Much silliness and humor meet each crazy plan, and in the end Barnabas realizes the mistakes he has made. The wonderful line drawings, cartoon illustrations, and diagrams that appear on every page skillfully tell much of this story. M. Sarah Klise incorporates site gags, rhymes, jokes, word plays and even math problems in her illustrations. This already popular author-illustrator team (the 43 Old Cemetery Road series) creates a whole new cast of interesting characters that we hope to see again and again. This fanciful and entertaining new series will certainly appeal to newly independent readers. --JoAnn Jonas, children's librarian, freelance reviewer
Discover: When Sir Sidney leaves his beloved circus menagerie for a week's vacation, much mayhem ensues, but the show goes on.
Rose
by Holly Webb
In Rose, the start of a promising new series, English author Holly Webb spins together a shrewd and resourceful main character, a comfortingly familiar plot and writing that shines all the brighter for its simplicity. The results will delight fans of fantasy, historical fiction and girls with gumption. This would make a particularly enjoyable mother-daughter read-aloud.
Practical and hard-headed enough to loathe the signs that she has magical abilities (she can make pictures appear on smooth surfaces), Rose is thrilled when the opportunity arises for her to leave the only home she has ever known: St. Bridget's Home for Abandoned Girls. Her new life as a maid in the house of "Mr. Aloysius Fountain, the famous alchemist" suits her beautifully--until an evil sorceress threatens to destroy the happy home.

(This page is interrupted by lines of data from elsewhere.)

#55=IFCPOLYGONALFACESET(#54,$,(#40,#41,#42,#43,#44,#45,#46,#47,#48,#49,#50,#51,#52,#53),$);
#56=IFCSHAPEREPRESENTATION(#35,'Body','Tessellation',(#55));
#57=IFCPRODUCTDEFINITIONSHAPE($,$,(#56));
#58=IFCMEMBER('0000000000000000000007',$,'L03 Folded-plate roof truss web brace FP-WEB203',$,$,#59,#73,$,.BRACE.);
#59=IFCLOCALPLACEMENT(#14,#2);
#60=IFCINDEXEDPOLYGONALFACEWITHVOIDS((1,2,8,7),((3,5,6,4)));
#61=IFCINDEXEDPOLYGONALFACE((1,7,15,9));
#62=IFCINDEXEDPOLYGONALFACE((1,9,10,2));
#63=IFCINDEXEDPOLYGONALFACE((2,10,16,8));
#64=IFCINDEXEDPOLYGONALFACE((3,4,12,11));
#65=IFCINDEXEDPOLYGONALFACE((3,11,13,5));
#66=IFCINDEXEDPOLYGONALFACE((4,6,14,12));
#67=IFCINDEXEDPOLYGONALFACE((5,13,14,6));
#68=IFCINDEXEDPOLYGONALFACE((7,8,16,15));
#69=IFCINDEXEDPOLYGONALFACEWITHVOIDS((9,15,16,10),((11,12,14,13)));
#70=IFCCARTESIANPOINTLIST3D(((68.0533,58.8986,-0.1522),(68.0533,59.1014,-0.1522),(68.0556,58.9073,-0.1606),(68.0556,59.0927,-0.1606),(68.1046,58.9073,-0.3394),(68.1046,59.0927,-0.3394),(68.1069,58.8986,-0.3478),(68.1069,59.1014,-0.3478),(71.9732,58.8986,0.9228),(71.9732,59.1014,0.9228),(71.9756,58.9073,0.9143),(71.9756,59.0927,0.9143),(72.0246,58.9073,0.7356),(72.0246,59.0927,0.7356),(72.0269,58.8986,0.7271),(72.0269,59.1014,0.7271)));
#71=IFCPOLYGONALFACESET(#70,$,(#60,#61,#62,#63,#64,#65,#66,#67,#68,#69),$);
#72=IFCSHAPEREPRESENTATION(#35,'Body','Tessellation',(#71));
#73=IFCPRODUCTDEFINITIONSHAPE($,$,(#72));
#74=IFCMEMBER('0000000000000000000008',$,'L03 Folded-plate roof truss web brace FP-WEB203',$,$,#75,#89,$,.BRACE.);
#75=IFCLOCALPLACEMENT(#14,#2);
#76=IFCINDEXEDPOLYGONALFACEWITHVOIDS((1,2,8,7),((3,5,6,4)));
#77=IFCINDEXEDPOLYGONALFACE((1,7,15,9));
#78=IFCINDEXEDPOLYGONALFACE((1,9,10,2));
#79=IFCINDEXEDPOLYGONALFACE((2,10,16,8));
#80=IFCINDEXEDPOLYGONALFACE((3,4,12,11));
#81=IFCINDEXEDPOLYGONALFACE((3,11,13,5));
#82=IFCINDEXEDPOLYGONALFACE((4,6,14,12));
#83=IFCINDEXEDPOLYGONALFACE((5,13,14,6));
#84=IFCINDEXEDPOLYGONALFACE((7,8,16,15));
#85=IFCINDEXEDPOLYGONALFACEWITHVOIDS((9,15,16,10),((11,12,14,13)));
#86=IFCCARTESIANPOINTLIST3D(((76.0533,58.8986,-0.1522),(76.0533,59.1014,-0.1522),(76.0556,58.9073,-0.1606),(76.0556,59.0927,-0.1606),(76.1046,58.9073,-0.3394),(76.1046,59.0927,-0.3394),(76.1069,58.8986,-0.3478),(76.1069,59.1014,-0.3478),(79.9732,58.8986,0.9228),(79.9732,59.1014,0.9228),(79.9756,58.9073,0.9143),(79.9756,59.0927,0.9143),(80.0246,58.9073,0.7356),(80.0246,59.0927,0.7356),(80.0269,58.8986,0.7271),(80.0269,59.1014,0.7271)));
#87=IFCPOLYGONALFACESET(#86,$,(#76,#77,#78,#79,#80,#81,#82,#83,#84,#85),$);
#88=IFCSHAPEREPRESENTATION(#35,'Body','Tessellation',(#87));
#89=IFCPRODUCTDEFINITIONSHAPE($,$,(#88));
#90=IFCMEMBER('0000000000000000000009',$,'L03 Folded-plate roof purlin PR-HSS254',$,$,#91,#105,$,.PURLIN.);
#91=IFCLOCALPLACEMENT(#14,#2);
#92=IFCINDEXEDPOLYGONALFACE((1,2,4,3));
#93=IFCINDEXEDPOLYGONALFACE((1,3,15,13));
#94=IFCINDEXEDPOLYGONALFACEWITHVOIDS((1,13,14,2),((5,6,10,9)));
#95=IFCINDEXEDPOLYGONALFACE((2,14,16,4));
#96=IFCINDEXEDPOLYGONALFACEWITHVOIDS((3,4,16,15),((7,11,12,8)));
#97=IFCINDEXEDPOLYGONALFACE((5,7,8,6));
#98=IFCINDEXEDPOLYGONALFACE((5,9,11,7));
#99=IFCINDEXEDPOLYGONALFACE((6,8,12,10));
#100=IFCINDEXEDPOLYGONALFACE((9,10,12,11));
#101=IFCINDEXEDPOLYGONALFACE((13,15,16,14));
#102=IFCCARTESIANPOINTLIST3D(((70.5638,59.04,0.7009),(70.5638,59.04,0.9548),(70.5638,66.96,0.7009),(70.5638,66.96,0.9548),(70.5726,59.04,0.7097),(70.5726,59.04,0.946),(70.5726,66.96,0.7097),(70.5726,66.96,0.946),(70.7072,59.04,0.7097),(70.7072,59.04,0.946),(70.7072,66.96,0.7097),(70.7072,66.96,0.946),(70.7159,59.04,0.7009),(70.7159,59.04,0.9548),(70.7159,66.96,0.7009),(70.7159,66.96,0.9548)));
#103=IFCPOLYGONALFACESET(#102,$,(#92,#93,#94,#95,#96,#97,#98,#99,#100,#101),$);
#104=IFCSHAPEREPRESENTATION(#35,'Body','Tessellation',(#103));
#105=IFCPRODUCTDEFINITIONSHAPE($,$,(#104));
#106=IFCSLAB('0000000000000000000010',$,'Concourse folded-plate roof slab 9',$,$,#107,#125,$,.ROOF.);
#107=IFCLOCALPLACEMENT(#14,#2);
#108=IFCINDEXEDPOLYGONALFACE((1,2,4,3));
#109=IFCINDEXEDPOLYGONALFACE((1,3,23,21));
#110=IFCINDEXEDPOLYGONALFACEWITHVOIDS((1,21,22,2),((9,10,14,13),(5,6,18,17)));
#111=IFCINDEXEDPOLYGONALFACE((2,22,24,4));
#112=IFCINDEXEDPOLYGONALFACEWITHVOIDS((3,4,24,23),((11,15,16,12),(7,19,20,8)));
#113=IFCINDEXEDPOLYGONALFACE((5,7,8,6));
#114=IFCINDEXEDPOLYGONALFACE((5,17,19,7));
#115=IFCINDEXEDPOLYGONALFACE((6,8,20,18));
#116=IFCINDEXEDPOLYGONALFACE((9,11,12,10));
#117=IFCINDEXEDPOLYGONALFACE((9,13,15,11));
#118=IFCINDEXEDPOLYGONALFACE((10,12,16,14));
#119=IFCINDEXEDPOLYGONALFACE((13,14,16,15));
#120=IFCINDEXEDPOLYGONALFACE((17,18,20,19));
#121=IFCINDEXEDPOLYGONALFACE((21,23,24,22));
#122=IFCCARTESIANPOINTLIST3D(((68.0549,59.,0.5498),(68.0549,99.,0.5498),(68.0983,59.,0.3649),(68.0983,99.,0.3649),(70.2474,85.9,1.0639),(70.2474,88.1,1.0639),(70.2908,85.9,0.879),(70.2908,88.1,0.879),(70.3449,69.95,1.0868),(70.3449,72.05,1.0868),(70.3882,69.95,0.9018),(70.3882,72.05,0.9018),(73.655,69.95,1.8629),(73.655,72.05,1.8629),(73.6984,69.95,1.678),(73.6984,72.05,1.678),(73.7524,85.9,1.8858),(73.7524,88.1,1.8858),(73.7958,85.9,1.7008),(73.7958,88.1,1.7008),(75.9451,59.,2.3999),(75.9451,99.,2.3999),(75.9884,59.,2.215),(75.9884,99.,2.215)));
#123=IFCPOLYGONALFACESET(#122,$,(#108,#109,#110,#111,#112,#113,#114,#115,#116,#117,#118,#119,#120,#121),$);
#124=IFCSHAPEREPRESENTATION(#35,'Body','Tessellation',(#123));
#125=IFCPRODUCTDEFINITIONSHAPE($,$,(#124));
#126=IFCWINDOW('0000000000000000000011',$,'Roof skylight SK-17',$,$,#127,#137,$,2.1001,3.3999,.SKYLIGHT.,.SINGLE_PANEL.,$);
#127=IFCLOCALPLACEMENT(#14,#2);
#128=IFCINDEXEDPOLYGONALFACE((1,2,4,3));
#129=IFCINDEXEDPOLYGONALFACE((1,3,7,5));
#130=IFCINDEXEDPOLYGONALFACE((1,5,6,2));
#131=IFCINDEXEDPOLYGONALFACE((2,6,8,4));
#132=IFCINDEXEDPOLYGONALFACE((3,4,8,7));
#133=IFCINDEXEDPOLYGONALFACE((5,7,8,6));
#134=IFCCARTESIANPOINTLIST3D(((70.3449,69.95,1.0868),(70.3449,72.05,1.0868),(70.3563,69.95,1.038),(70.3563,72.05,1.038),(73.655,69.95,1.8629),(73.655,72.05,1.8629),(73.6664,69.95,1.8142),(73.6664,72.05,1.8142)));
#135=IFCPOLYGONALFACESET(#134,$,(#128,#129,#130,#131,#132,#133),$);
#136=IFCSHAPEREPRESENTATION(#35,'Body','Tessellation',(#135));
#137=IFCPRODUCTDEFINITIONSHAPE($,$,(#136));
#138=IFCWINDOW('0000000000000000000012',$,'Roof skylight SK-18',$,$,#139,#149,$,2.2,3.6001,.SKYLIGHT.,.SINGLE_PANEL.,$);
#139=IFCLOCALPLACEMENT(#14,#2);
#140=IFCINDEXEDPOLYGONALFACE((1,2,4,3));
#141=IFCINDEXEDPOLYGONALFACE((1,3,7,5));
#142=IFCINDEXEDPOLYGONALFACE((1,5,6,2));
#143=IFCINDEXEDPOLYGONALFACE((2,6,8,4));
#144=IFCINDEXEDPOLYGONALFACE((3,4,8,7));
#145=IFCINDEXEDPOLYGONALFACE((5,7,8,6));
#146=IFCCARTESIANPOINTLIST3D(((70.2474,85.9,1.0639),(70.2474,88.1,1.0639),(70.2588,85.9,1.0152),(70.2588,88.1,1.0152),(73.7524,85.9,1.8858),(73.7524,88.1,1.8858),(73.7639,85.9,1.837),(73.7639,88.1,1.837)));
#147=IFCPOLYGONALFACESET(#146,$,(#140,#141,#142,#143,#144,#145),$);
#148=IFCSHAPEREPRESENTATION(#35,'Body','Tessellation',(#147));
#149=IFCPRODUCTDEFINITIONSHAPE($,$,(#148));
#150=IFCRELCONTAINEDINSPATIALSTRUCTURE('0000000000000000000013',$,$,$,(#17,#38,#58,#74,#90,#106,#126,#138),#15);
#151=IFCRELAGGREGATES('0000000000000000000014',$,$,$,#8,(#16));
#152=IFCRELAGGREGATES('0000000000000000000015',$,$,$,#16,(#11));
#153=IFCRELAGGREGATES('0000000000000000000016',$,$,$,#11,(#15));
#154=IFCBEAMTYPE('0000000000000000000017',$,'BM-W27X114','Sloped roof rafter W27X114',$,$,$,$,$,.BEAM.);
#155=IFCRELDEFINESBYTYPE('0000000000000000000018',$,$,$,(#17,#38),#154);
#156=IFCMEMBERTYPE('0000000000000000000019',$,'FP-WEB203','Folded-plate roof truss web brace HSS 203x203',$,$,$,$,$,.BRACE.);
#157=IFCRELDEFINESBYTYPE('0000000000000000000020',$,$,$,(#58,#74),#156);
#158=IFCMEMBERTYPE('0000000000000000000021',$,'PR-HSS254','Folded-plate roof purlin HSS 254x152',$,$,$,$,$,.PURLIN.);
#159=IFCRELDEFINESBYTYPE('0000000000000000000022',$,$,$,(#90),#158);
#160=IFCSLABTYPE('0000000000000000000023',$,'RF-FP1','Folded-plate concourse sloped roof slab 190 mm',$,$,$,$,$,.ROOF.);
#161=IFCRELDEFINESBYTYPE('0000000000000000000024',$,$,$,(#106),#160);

Webb draws on the British tradition of rich language and understated emotions (think Kenneth Grahame, Frances Hodgson Burnett and C.S. Lewis) and treats magic with a refreshingly light touch. Readers will immediately recognize that the heroine is special, but the setting is so deceptively mundane that readers may not realize Rose lives in a magical world until 25 pages in, when Rose off-handedly refers to "well-to-do households [that] usually held only one or two spells, and perhaps an unbreakable dinner service."
Webb does not reinvent the wheel, but succeeds in creating a book as satisfying and familiar as a cup of hot cocoa. --Allie Jane Bruce, children's librarian, Bank Street College of Education
Discover: A shrewd and resourceful main character, a comfortingly familiar plot, and writing that shines all the brighter for its simplicity.